In my professional opinion..there is no efficient alternative to a good slicker brush, used correctly. A slicker is easier on tangles than a comb is, and should be used before combing to loosen tangles and knots. You want to brush down to the skin, but not brush the skin. Separate the hair, and brush in small 1/2 inch sections at a time. And be sure to use a conditioning brush out spray.


----------



## Kina_A (Jun 8, 2009)

Thanks Graco! I'll try that.


----------



## StarfishSaving (Nov 7, 2008)

Graco, do you have a suggestion as to a good spray to use? I have setters and their tails and sanitary areas on the boys are forever getting tangled. I use a de-tangling conditioner when I bathe them but its effects don't last long. 

Kina, you could use treats and try to desensitize them to the slicker to make them like it more, or at least care less when you use it.


----------



## Northern_Inuit_Luv (Aug 26, 2009)

I've been told that you can also dull the bristles a bit by running them over concrete...those little bristles do start off really sharp...


----------



## Kina_A (Jun 8, 2009)

Good one Northern Inuit! I'll try that to dull the brissels a bit. 

Starfish, I'll try the treat thing with Kina. Sadie is really good at sitting still. She just moans whenever I brush her. Kina is just a basket case. I really didn't do a very good job at desensitizing her when she was younger.

It's my fault really, I was more trying to desensitize her of the clippers that I never really worked very hard at the brushing with the slicker brush. She's not to bad with combs, its just the slicker brush!


----------



## Graco22 (Jul 16, 2007)

StarfishSaving said:


> Graco, do you have a suggestion as to a good spray to use? I have setters and their tails and sanitary areas on the boys are forever getting tangled. I use a de-tangling conditioner when I bathe them but its effects don't last long.
> 
> Kina, you could use treats and try to desensitize them to the slicker to make them like it more, or at least care less when you use it.


I like Crown Royale #3 for an all around brushout spray. Showsheen (horse product) will help more with preventing tangles, but it has silicone in it which can be drying and cause breakage over time. It also seems to attract static..lol I would recommend you use Coat Handler conditioner, dilute it down to the "leave in" ratio on the bottle, and use that after you shampoo. Its the best leavin in conditioner. No grease, no sticky issues, etc. and it really does help cut down on tangles.

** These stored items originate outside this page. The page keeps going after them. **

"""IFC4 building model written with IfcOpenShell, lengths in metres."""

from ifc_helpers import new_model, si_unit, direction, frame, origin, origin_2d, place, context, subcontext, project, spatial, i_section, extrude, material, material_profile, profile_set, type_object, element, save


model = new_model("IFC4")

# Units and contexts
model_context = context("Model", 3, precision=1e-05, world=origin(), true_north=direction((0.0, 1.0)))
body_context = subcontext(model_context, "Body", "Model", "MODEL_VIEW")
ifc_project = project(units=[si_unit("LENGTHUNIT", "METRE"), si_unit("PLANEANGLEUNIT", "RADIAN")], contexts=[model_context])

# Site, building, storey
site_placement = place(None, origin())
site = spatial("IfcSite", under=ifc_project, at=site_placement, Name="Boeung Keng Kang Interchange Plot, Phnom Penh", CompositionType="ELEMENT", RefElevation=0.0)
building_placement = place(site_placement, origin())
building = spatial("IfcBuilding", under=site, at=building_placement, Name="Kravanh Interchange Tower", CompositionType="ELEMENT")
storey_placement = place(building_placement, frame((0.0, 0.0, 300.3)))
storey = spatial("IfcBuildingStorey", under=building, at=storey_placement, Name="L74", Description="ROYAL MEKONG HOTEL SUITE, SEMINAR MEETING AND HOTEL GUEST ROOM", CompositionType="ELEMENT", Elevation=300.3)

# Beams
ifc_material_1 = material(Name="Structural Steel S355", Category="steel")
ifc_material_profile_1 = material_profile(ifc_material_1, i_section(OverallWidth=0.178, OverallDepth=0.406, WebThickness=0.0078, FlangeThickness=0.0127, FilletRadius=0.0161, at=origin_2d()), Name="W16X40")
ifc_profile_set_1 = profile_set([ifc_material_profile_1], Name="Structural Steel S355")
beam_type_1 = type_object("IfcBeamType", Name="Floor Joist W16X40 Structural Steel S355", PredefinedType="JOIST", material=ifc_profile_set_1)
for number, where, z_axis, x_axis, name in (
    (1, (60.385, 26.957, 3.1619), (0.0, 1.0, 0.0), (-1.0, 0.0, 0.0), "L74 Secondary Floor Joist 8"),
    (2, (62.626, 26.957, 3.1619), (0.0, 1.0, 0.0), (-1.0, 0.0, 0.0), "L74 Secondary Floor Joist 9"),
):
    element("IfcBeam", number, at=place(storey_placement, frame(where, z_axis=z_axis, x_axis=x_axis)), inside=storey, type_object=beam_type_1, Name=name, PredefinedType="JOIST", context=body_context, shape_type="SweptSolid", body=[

Unfortunately, long setter hair screams "i'm tangling..i'm tangling" all the time.


----------



## poodleholic (Mar 15, 2007)

Northern_Inuit_Luv said:


> I've been told that you can also dull the bristles a bit by running them over concrete...those little bristles do start off really sharp...



If you do that to the slicker, the slicker will tear and damage coat. Not a good strategy! LOL


----------



## Kina_A (Jun 8, 2009)

poodleholic said:


> If you do that to the slicker, the slicker will tear and damage coat. Not a good strategy! LOL


ah...thanks, I didn't think of that.


----------



## Labsnothers (Oct 10, 2009)

I was wondering if it would make it worse. 

Slickers do a great job on Labs, but I hate doing it.


----------



## Shazamataz (Jan 23, 2010)

If the coat is like a full Bichons then you definitely need a slicka brush.
When I use them I flick them through the coat rather fast, not slow and fussy.
Doing fast ,sharp strokes going close to the skin but not touching it is the most comfortable way for the dog. If I sit there and do it all slow the dogs fidget about and don't like it. If I use it fast they don't seem to mind at all.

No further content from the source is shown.